3 zeigt die Blutzuckergehalte für diese zwei Gruppen, ausgedrückt als Prozentualität der Grundwerte. Der Blutzuckergehalte in unbehandelten Ratten lagen während der Untersuchungsdauer zwischen 85 und 100% des Grundwerts.
In den behandelten Ratten wurde eine Reduzierung der Blutzuckergehalte auf 35% des Grundwerts über eine Dauer von vier Stunden beobachtet, wodurch eine orale Bioverfügbarkeit von ≥ 7% dieser insulinbeladenen Nanopartikel erhalten wurde. Diese Ergebnisse zeigen an, dass das Insulin aus bei einem pH-Wert von 2 hergestellten Nanopartikeln (komplexiert an das Polyalkylcyanoacrylat) bioaktiv ist und in kontrollierter, verzögerter Weise freigegeben wird.

Claims

Arzneizubereitung mit kontrollierter Freigabe, umfassend in ein biologisch abbaubares Polyalkylcyanoacrylat-Polymer eingeschlossenes Insulin zur Bildung von Nanopartikeln, wobei das Insulin am Polyalkylcyanoacrylat komplexiert ist.
Arzneizubereitung mit kontrollierter Freigabe nach Anspruch 1, wobei das Polyalkylcyanoacrylat aus n-Butylcyanoacrylat-, Isobutylcyanoacrylat- oder Isohexylcyanoacrylat-Monomeren oder Mischungen davon gebildet ist.
Arzneizubereitung mit kontrollierter Freigabe nach einem der vorhergehenden Ansprüche, wobei die Insulinbeladung zwischen ungefähr 5 % bis 30 % GN des Monomergehalts liegt.

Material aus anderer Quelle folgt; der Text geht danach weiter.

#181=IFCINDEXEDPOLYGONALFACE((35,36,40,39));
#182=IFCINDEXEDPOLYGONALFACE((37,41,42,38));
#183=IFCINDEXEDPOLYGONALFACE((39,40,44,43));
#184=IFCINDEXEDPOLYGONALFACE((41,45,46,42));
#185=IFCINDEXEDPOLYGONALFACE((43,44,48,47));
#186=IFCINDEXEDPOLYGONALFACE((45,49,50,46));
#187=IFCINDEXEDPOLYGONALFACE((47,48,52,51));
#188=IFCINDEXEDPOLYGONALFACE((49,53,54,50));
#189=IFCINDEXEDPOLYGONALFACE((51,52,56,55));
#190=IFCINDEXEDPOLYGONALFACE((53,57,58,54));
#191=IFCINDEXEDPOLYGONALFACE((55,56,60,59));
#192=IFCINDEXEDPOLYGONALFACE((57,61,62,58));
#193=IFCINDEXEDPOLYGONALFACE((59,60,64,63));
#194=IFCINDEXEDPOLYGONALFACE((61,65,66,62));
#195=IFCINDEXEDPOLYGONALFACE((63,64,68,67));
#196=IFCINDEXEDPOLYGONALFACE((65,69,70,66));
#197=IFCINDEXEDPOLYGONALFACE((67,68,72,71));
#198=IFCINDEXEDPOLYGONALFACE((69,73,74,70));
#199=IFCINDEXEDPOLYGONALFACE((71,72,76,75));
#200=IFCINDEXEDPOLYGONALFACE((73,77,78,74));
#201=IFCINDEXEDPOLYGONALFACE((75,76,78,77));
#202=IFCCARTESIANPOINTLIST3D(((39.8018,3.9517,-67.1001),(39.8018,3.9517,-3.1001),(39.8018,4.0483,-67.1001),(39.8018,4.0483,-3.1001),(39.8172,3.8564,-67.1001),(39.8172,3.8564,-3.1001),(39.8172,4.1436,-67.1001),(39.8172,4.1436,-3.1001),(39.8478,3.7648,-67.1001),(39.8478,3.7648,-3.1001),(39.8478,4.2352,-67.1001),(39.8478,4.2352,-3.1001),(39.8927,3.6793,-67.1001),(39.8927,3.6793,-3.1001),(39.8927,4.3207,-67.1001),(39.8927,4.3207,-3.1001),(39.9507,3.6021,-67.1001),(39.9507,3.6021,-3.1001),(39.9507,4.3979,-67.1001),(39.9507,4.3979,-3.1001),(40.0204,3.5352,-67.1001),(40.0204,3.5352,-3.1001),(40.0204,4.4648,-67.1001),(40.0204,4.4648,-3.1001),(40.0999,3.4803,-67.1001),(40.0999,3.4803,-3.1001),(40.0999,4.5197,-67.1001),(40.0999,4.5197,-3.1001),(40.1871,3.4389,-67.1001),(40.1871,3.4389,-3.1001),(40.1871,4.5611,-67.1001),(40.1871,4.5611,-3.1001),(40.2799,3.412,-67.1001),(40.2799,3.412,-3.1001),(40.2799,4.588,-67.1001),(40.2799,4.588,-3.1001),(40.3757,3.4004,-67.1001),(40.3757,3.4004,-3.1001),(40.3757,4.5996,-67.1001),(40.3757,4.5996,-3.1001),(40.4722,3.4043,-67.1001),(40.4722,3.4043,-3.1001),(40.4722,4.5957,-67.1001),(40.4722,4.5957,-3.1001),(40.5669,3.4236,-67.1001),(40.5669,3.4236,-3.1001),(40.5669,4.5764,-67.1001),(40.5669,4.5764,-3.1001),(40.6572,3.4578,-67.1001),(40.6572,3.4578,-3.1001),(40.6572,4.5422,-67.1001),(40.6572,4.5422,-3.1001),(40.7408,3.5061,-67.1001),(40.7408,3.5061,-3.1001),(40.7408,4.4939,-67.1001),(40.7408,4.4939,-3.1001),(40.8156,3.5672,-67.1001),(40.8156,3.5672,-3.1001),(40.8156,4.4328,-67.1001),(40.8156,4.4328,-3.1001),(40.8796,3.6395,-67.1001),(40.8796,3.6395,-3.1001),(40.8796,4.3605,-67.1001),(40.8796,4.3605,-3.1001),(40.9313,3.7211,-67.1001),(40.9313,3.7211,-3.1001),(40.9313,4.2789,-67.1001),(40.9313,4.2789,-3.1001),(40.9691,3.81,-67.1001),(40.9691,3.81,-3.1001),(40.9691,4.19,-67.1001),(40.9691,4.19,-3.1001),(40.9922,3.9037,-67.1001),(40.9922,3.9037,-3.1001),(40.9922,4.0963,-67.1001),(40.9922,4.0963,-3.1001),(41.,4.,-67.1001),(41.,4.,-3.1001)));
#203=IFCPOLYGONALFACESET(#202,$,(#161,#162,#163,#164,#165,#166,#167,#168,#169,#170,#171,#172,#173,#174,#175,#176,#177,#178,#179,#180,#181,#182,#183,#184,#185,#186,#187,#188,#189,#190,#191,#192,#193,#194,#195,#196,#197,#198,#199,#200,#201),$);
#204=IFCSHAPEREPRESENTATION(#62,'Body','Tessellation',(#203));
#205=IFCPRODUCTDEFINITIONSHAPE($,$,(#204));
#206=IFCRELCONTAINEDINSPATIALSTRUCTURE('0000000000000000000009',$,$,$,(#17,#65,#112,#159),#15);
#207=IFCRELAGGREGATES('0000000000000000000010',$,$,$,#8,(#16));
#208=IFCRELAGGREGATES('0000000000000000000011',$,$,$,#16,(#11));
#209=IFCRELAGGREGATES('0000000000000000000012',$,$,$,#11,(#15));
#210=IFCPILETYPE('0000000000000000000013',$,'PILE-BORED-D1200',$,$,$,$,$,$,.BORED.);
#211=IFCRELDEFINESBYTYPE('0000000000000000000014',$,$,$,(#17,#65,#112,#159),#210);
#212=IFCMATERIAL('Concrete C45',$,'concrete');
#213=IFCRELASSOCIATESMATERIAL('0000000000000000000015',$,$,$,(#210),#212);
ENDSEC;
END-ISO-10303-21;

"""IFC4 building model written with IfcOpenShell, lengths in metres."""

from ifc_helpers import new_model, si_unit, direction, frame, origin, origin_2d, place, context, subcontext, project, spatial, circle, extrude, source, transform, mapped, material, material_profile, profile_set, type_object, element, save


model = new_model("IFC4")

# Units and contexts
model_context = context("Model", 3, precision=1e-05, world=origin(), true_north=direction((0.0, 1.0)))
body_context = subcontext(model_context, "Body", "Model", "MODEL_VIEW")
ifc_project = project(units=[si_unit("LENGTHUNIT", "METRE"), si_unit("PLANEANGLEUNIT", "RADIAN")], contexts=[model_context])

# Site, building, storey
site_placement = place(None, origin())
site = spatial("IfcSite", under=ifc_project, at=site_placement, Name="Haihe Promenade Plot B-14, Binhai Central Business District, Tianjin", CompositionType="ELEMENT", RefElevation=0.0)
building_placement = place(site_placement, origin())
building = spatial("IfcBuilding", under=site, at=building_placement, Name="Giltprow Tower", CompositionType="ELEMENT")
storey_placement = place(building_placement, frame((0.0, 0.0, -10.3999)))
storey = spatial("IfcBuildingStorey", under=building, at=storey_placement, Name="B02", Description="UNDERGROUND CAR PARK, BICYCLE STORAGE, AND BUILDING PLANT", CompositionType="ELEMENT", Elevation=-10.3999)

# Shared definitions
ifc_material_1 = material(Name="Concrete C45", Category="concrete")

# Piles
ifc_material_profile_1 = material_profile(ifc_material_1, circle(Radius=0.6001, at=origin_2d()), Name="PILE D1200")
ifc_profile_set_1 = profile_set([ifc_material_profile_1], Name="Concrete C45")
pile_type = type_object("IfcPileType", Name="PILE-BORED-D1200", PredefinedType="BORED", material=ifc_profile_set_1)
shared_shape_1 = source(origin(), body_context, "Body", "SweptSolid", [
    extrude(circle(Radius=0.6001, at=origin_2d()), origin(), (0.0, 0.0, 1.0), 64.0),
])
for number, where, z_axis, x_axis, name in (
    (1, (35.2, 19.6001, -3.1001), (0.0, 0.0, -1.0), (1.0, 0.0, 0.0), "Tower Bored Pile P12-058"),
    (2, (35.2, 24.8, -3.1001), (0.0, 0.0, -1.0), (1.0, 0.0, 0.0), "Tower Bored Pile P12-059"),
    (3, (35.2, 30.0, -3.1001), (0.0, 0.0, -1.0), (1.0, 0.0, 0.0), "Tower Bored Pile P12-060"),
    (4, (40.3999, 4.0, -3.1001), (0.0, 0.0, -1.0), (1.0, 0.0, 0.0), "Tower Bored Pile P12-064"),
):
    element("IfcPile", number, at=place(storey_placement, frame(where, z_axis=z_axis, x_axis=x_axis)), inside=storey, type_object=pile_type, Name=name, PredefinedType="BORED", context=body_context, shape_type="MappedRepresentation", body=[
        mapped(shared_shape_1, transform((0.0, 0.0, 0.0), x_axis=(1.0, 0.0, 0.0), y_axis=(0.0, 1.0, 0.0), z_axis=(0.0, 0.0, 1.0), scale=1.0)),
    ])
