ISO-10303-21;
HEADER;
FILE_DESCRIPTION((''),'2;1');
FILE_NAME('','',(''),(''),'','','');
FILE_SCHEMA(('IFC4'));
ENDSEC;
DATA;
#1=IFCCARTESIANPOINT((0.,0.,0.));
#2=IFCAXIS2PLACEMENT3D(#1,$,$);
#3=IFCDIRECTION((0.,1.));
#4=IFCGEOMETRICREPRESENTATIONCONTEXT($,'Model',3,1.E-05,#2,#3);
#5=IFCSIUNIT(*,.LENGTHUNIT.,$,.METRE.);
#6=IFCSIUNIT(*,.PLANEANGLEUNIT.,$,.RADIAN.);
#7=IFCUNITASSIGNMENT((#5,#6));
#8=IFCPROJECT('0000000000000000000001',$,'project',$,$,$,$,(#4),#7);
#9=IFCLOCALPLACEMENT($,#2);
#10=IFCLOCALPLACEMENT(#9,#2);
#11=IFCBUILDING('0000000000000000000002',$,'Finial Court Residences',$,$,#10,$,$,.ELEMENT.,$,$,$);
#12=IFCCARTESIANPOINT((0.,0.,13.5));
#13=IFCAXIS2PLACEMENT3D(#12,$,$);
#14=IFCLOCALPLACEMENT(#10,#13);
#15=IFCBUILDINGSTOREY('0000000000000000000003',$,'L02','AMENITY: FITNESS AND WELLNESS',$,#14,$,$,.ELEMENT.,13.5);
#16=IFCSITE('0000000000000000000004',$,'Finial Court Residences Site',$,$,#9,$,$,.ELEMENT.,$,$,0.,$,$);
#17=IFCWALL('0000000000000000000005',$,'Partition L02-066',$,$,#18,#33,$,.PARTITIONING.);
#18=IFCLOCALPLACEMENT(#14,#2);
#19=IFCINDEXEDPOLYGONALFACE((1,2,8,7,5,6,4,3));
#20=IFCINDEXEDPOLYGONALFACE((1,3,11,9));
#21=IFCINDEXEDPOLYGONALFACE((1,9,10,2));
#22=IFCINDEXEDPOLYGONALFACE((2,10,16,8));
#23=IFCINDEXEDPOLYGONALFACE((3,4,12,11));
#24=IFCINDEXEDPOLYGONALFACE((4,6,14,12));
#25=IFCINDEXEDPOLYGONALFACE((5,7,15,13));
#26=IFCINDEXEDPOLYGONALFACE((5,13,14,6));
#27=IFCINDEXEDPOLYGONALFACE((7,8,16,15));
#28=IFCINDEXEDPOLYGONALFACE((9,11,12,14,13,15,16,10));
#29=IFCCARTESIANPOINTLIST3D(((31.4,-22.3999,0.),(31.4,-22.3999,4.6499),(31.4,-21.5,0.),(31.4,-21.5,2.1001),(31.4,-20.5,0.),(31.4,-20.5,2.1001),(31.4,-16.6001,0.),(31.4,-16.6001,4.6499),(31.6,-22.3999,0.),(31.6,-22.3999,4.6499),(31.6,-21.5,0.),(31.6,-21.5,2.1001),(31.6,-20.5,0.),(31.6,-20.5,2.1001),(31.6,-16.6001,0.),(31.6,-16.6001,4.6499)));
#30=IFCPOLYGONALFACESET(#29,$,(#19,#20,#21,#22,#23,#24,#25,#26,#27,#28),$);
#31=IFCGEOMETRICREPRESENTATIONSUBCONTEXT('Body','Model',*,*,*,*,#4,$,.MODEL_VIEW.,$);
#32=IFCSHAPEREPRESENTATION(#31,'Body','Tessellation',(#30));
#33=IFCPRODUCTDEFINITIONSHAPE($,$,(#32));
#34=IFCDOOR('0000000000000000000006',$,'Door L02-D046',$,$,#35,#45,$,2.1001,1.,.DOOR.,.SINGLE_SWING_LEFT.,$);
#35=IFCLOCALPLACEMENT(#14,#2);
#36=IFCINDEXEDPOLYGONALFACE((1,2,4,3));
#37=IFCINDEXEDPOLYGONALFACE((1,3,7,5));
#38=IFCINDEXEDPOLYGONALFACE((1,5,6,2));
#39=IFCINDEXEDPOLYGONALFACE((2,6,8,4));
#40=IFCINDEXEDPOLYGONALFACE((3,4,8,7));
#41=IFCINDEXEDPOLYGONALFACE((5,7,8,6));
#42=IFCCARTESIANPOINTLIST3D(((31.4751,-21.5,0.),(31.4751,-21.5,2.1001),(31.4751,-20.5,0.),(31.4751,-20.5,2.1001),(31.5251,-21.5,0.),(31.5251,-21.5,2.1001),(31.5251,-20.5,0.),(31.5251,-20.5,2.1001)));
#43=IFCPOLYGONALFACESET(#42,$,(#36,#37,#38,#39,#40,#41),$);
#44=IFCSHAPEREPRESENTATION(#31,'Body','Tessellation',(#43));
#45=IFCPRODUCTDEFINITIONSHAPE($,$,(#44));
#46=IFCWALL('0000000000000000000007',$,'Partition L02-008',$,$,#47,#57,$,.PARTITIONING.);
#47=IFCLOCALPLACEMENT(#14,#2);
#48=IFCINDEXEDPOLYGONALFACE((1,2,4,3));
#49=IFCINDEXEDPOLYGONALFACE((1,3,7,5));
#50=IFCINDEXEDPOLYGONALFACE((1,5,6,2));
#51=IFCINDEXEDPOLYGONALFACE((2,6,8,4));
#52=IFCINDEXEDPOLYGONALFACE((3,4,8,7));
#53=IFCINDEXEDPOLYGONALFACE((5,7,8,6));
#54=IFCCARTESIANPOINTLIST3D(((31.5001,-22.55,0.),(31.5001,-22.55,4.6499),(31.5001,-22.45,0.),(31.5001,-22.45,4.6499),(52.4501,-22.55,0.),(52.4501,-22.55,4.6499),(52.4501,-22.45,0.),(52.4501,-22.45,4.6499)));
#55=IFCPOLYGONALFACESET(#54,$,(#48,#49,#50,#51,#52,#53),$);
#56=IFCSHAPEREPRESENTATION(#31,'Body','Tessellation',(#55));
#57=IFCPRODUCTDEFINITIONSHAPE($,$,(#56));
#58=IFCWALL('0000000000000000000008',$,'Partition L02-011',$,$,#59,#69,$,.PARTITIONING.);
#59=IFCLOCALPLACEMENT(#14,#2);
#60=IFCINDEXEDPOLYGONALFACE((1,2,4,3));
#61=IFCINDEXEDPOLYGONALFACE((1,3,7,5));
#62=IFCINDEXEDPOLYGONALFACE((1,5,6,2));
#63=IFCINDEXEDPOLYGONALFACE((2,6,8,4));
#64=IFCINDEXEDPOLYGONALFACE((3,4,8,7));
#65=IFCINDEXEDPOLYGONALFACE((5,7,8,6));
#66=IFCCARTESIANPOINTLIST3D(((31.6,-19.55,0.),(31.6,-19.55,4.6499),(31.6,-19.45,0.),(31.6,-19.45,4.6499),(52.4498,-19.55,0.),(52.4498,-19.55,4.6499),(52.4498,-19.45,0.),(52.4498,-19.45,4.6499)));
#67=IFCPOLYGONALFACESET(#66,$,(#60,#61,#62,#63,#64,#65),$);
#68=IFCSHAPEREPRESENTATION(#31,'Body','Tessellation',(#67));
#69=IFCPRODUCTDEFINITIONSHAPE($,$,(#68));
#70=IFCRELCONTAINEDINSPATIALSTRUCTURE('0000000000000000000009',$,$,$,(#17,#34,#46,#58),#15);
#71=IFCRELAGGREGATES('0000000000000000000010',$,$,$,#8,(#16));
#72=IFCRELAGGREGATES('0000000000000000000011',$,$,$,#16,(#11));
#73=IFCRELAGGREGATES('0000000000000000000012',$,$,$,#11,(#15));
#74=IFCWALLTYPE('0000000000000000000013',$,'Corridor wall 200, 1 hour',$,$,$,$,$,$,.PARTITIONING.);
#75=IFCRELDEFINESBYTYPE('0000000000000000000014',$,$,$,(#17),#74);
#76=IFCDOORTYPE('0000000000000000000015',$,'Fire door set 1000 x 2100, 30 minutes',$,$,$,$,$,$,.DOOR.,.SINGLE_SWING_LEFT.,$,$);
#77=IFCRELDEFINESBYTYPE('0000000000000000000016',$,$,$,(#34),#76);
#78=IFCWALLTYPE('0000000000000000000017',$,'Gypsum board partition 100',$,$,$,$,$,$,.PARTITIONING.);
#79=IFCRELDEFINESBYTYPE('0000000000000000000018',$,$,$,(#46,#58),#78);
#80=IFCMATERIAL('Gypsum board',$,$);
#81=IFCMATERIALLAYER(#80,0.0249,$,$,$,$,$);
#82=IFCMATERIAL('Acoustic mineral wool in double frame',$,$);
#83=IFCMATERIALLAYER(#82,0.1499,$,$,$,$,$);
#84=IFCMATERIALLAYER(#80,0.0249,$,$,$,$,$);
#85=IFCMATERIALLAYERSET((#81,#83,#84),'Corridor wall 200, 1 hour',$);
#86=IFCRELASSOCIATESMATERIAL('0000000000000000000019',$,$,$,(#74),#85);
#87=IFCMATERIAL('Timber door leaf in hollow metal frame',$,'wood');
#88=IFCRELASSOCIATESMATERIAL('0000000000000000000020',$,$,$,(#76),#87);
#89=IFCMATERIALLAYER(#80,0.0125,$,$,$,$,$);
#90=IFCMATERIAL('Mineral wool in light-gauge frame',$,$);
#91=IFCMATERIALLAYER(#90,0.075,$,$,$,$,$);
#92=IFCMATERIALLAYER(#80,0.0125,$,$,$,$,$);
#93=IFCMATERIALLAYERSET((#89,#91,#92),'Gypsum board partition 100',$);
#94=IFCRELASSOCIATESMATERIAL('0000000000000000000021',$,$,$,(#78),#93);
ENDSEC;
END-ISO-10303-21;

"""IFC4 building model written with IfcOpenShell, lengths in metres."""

from ifc_helpers import new_model, si_unit, direction, frame, frame_2d, origin, place, context, subcontext, project, spatial, rectangle, extrude, material, layer, layer_set, type_object, element, fill, save


model = new_model("IFC4")

# Units and contexts
model_context = context("Model", 3, precision=1e-05, world=origin(), true_north=direction((0.0, 1.0)))
body_context = subcontext(model_context, "Body", "Model", "MODEL_VIEW")
ifc_project = project(units=[si_unit("LENGTHUNIT", "METRE"), si_unit("PLANEANGLEUNIT", "RADIAN")], contexts=[model_context])

# Site, building, storey
site_placement = place(None, origin())
site = spatial("IfcSite", under=ifc_project, at=site_placement, Name="Finial Court Residences Site", CompositionType="ELEMENT", RefElevation=0.0)
building_placement = place(site_placement, origin())
building = spatial("IfcBuilding", under=site, at=building_placement, Name="Finial Court Residences", CompositionType="ELEMENT")
storey_placement = place(building_placement, frame((0.0, 0.0, 13.5)))
storey = spatial("IfcBuildingStorey", under=building, at=storey_placement, Name="L02", Description="AMENITY: FITNESS AND WELLNESS", CompositionType="ELEMENT", Elevation=13.5)

# Shared definitions
ifc_material_1 = material(Name="Gypsum board")
ifc_layer_1 = layer(ifc_material_1, 0.0249)
ifc_material_2 = material(Name="Acoustic mineral wool in double frame")
ifc_layer_2 = layer(ifc_material_2, 0.1499)
ifc_layer_3 = layer(ifc_material_1, 0.0249)
ifc_layer_set_1 = layer_set([ifc_layer_1, ifc_layer_2, ifc_layer_3], Name="Corridor wall 200, 1 hour")
wall_type_1 = type_object("IfcWallType", Name="Corridor wall 200, 1 hour", PredefinedType="PARTITIONING", material=ifc_layer_set_1)

# Shared definitions
ifc_material_3 = material(Name="Timber door leaf in hollow metal frame", Category="wood")
door_type = type_object("IfcDoorType", Name="Fire door set 1000 x 2100, 30 minutes", OperationType="SINGLE_SWING_LEFT", PredefinedType="DOOR", material=ifc_material_3)

# Wall, opening, door
wall_1_placement = place(storey_placement, frame((31.5, -22.3999, 0.0), z_axis=(0.0, 0.0, 1.0), x_axis=(0.0, 1.0, 0.0)))
wall_1 = element("IfcWall", 1, at=wall_1_placement, inside=storey, type_object=wall_type_1, Name="Partition L02-066", PredefinedType="PARTITIONING", context=body_context, shape_type="SweptSolid", body=[
    extrude(rectangle(XDim=5.7998, YDim=0.2, at=frame_2d((2.8999, 0.0))), origin(), (0.0, 0.0, 1.0), 4.6499),
])
opening_1_placement = place(wall_1_placement, frame((0.8999, 0.0, 0.0)))
opening_1 = element("IfcOpeningElement", 2, at=opening_1_placement, cuts=wall_1, PredefinedType="OPENING", context=body_context, shape_type="SweptSolid", body=[
    extrude(rectangle(XDim=1.0, YDim=2.1001, at=frame_2d((0.5, 1.05))), frame((0.0, 0.1099, 0.0), z_axis=(0.0, -1.0, 0.0), x_axis=(1.0, 0.0, 0.0)), (0.0, 0.0, 1.0), 0.22),
])
door_1_placement = place(opening_1_placement, origin())
door_1 = element("IfcDoor", 3, at=door_1_placement, inside=storey, type_object=door_type, Name="Door L02-D046", OperationType="SINGLE_SWING_LEFT", OverallHeight=2.1001, OverallWidth=1.0, PredefinedType="DOOR", context=body_context, shape_type="SweptSolid", body=[
    extrude(rectangle(XDim=1.0, YDim=2.1001, at=frame_2d((0.5, 1.05))), frame((0.0, 0.0249, 0.0), z_axis=(0.0, -1.0, 0.0), x_axis=(1.0, 0.0, 0.0)), (0.0, 0.0, 1.0), 0.05),
])
fill(opening_1, door_1)

# Walls
ifc_layer_4 = layer(ifc_material_1, 0.0125)
ifc_material_4 = material(Name="Mineral wool in light-gauge frame")
ifc_layer_5 = layer(ifc_material_4, 0.075)
ifc_layer_6 = layer(ifc_material_1, 0.0125)
ifc_layer_set_2 = layer_set([ifc_layer_4, ifc_layer_5, ifc_layer_6], Name="Gypsum board partition 100")
wall_type_2 = type_object("IfcWallType", Name="Gypsum board partition 100", PredefinedType="PARTITIONING", material=ifc_layer_set_2)
wall_2_placement = place(storey_placement, frame((31.5, -22.5, 0.0), z_axis=(0.0, 0.0, 1.0), x_axis=(1.0, 0.0, 0.0)))
element("IfcWall", 4, at=wall_2_placement, inside=storey, type_object=wall_type_2, Name="Partition L02-008", PredefinedType="PARTITIONING", context=body_context, shape_type="SweptSolid", body=[
    extrude(rectangle(XDim=20.95, YDim=0.1001, at=frame_2d((10.4751, 0.0))), origin(), (0.0, 0.0, 1.0), 4.6499),
])
wall_3_placement = place(storey_placement, frame((31.6001, -19.5, 0.0), z_axis=(0.0, 0.0, 1.0), x_axis=(1.0, 0.0, 0.0)))
element("IfcWall", 5, at=wall_3_placement, inside=storey, type_object=wall_type_2, Name="Partition L02-011", PredefinedType="PARTITIONING", context=body_context, shape_type="SweptSolid", body=[
    extrude(rectangle(XDim=20.8499, YDim=0.1001, at=frame_2d((10.4248, 0.0))), origin(), (0.0, 0.0, 1.0), 4.6499),
])

save(model, "model.ifc")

Arzneizubereitung mit kontrollierter Freigabe nach einem der vorhergehenden Ansprüche, umfassend ferner freie insulinbeladene Polyalkylcyanoacrylat-Nanopartikel zur Bildung einer Mischung von polyalkylcyanoacrylatkomplexierten insulinbeladenen Nanopartikeln und freien insulinbeladenen Polyalkylcyanoacrylat-Nanopartikeln.
Arzneizubereitung mit kontrollierter Freigabe nach einem der vorhergehenden Ansprüche, umfassend ferner eine darmlösliche Beschichtung der polyalkylcyanoacrylat-komplexierten insulinbeladenen Nanopartikel zur gezielten Insulinfreigabe im Dünndarm bei oraler Verabreichung.
Arzneizubereitung mit kontrollierter Freigabe nach Anspruch 4 oder 5, umfassend ferner eine darmlösliche Beschichtung der freien insulinbeladenen Poly alkylcyanoacrylat-Nanopartikel zur gezielten Insulinfreigabe im Dünndarm bei oraler Verabreichung.
Arzneizubereitung mit kontrollierter Freigabe nach einem der vorhergehenden Ansprüche, wobei die Zubereitung in Form von Kapseln, Tabletten, Pulvern, Pulvern, die bei Wasserzugabe sprudeln können, oder Suspensionen zubereitet ist.
Arzneizubereitung mit kontrollierter Freigabe nach Anspruch 7, wobei die Zubereitung in Form von Tabletten zubereitet ist und ferner eine darmlösliche Beschichtung auf der Tablette zur gezielten Insulinfreigabe im Dünndarm bei oraler Verabreichung umfasst.
Arzneizubereitung mit kontrollierter Freigabe nach einem der vorhergehenden Ansprüche, die einer oralen Verabreichung angepasst ist.
Arzneizubereitung mit kontrollierter Freigabe nach einem der Ansprüche 1–4 und 7, die einer parenteralen Verabreichung angepasst ist.